2. Den Antragstellerinnen wird gestattet, das Vergabeverfahren zum Abschluss von Rabattverträgen fortzuführen und auf die von ihnen ausgewählten wirtschaftlichsten Angebote bezüglich der Wirkstoffe
Alfuzosin, Allopurinal, Amiodaron, Amisulprid, Amlopidin, Bisopolol (und Hydrochlorothiazid), Carvedilol, Ciprofloxacin, Citalopram, Doxazosin, Enalaporil (und Hydrochlorothiazid), Finasterid, Furosemid, Gabapentin, Glimeprid, Isosorbit mononitrat, Lamotrigin, Lisinopril (und Hydrochlorothiazid), Metroprolol, Mirtazapin, Nitrendipin, Omeprazol, Paroxetin, Ramipril (und Hydrochlorothiazid), Ranitidin, Roxithromycin, Sertralin, Simvastatin, Spironolacton, Sumatriptan, Tamsulosin, Terazosin, Tramadol, Verapamil, Doxepin, Isosorbit dinitrat, Levodopa und Decarboxylasehemmer, Metropolol und Hydrochlorothiazid, Trimipramin
Zuschläge zu erteilen.
3. Die Antragsgegnerin und die Beigeladene Ziffer 1 haben als Gesamtschuldner die Kosten des Verfahrens zu tragen.
Gründe
I.
Vorliegend wenden sich die Antragstellerinnen im Wege der Gewährung einstweiligen Rechtsschutzes gegen das ihnen gegenüber von der Vergabekammer bei der Bezirksregierung Düsseldorf ausgesprochene Verbot, für verschiedene Wirkstoffe Zuschläge auf Angebote von Pharmaunternehmen zum Abschluss von Rabattverträgen zu erteilen.

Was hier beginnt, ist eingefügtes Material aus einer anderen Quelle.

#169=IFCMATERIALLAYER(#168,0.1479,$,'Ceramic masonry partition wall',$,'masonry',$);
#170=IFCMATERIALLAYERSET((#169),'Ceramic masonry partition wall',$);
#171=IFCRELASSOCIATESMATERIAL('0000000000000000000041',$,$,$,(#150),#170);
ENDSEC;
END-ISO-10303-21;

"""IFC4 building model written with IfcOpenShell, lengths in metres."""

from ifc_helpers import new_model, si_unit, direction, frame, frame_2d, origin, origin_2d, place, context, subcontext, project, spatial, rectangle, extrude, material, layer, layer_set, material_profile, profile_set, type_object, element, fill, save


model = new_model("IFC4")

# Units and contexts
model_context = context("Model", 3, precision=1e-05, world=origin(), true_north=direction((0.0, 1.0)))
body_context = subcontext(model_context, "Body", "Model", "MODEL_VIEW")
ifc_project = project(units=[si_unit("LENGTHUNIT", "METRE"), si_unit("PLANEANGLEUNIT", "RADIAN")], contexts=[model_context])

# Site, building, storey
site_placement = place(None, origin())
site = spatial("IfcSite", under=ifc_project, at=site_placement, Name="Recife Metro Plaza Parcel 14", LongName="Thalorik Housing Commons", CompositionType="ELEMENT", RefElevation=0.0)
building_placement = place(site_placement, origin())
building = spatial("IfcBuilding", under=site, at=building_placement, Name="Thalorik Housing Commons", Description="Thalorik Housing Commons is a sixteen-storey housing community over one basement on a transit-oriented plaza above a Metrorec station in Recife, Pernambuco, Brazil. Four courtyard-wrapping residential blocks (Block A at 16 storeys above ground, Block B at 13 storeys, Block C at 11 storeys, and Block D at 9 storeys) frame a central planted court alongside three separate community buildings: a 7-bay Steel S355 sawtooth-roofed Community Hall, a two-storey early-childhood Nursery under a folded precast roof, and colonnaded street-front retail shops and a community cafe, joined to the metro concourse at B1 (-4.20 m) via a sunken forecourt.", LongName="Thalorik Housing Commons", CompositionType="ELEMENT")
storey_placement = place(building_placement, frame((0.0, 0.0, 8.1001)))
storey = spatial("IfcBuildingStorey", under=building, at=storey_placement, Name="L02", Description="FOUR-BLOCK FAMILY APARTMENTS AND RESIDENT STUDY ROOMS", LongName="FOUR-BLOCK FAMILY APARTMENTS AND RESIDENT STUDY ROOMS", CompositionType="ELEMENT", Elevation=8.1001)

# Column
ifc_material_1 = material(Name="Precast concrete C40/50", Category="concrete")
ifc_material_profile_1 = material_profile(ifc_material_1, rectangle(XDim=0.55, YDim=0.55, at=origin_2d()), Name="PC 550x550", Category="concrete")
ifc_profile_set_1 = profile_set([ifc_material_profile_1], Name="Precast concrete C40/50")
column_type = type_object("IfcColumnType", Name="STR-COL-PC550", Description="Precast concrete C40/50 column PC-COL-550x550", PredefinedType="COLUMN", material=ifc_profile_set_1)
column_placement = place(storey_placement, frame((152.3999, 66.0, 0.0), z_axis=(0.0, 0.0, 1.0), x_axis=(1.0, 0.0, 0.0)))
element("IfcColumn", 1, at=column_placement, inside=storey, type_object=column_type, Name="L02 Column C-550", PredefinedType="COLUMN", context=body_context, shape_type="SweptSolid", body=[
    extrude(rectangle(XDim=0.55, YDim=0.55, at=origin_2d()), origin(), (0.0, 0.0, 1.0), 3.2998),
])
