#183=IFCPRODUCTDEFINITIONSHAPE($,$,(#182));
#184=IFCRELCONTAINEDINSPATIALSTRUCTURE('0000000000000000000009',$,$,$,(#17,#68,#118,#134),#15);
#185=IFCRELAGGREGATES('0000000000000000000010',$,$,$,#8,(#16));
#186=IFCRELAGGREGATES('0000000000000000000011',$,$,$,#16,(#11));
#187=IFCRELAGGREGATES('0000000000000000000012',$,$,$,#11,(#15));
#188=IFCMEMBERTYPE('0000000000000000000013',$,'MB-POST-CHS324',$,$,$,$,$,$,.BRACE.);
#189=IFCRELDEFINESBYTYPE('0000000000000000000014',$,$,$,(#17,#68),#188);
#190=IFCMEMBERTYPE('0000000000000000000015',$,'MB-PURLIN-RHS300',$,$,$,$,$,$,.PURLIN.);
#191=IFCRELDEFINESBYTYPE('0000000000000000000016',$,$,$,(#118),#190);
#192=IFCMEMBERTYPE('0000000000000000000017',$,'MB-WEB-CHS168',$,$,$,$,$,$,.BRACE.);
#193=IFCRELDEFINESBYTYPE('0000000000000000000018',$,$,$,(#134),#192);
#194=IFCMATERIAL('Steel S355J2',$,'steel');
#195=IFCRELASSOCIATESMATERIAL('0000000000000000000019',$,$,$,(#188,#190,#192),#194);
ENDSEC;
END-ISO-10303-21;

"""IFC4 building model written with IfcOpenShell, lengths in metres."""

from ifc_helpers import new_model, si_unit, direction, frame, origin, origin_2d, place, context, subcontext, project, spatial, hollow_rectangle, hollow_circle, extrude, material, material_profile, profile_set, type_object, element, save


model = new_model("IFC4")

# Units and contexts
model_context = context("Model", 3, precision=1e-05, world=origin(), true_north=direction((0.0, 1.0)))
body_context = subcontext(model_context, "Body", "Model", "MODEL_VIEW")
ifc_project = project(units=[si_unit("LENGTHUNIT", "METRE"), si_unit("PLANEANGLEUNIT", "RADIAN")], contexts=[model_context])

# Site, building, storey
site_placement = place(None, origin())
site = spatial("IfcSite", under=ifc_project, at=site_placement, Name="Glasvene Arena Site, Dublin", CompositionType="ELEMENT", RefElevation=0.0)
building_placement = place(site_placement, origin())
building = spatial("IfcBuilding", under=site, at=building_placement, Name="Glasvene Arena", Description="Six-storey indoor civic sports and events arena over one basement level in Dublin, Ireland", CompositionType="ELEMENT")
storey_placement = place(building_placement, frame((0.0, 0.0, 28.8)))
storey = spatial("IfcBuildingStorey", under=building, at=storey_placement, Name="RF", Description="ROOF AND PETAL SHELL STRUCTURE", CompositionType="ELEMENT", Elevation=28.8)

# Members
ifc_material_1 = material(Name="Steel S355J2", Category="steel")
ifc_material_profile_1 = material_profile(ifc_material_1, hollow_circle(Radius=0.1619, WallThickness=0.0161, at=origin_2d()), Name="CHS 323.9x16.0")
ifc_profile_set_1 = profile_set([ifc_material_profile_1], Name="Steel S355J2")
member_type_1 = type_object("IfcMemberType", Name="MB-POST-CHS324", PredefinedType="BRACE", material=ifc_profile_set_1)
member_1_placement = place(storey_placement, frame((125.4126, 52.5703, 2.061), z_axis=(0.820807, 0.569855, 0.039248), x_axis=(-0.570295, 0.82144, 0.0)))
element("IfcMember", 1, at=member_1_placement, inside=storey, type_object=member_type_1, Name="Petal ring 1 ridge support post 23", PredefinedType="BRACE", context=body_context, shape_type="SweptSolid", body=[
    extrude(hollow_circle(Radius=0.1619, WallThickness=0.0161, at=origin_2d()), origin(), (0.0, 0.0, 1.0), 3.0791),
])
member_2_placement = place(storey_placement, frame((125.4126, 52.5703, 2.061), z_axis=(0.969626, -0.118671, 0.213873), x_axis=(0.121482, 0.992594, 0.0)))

Die Antragstellerinnen haben gemeinsam unter Federführung der Antragstellerin Ziffer 1 (AOK Baden-Württemberg) für insgesamt 83 Wirkstoffe die auf dem Markt in Deutschland für diese Wirkstoffe tätigen in- und ausländischen Pharmaunternehmen mit Schreiben vom 03.08.2007 aufgefordert, bis zum 03.09.2007, 12.00 Uhr ein entsprechendes - bis 31.12.2007 verbindliches - Angebot für eine Rabattvereinbarung nach § 130a Abs. 8 des Fünften Buches des Sozialgesetzbuches (SGB V) für den Zeitraum vom 01.01.2008 bis 31.12.2009 bei der Antragstellerin Ziffer 1 abzugeben.
Eine inhaltsgleiche Veröffentlichung dieses Anschreibens erfolgte im elektronischen Bundesanzeiger am 06.08.2007 mit Korrekturen vom 10. und 28.08.2007.
Hinsichtlich der Einzelheiten wird auf den Inhalt des Schreibens vom 03.08.2007 sowie auf die beigefügten Anlagen verwiesen.
Aus den bis zum Ablauf der Angebotsfrist eingegangenen Angeboten wurden je Wirkstoff drei bis vier Pharmaunternehmen ausgewählt, mit denen Rabattverträge abgeschlossen werden sollten.
Mit Schreiben vom 14.09.2007 informierten die Antragstellerinnen sämtliche ein Angebot abgegebenen Pharmaunternehmen “im Vorgriff„ auf die zu erfolgenden Vertragsabschlüsse, die “14 Tage nach Absendung dieser Vorabinformation beabsichtigt„ seien. Eine Benennung der jeweils ausgewählten Pharmaunternehmen enthielt dieses Schreiben nicht.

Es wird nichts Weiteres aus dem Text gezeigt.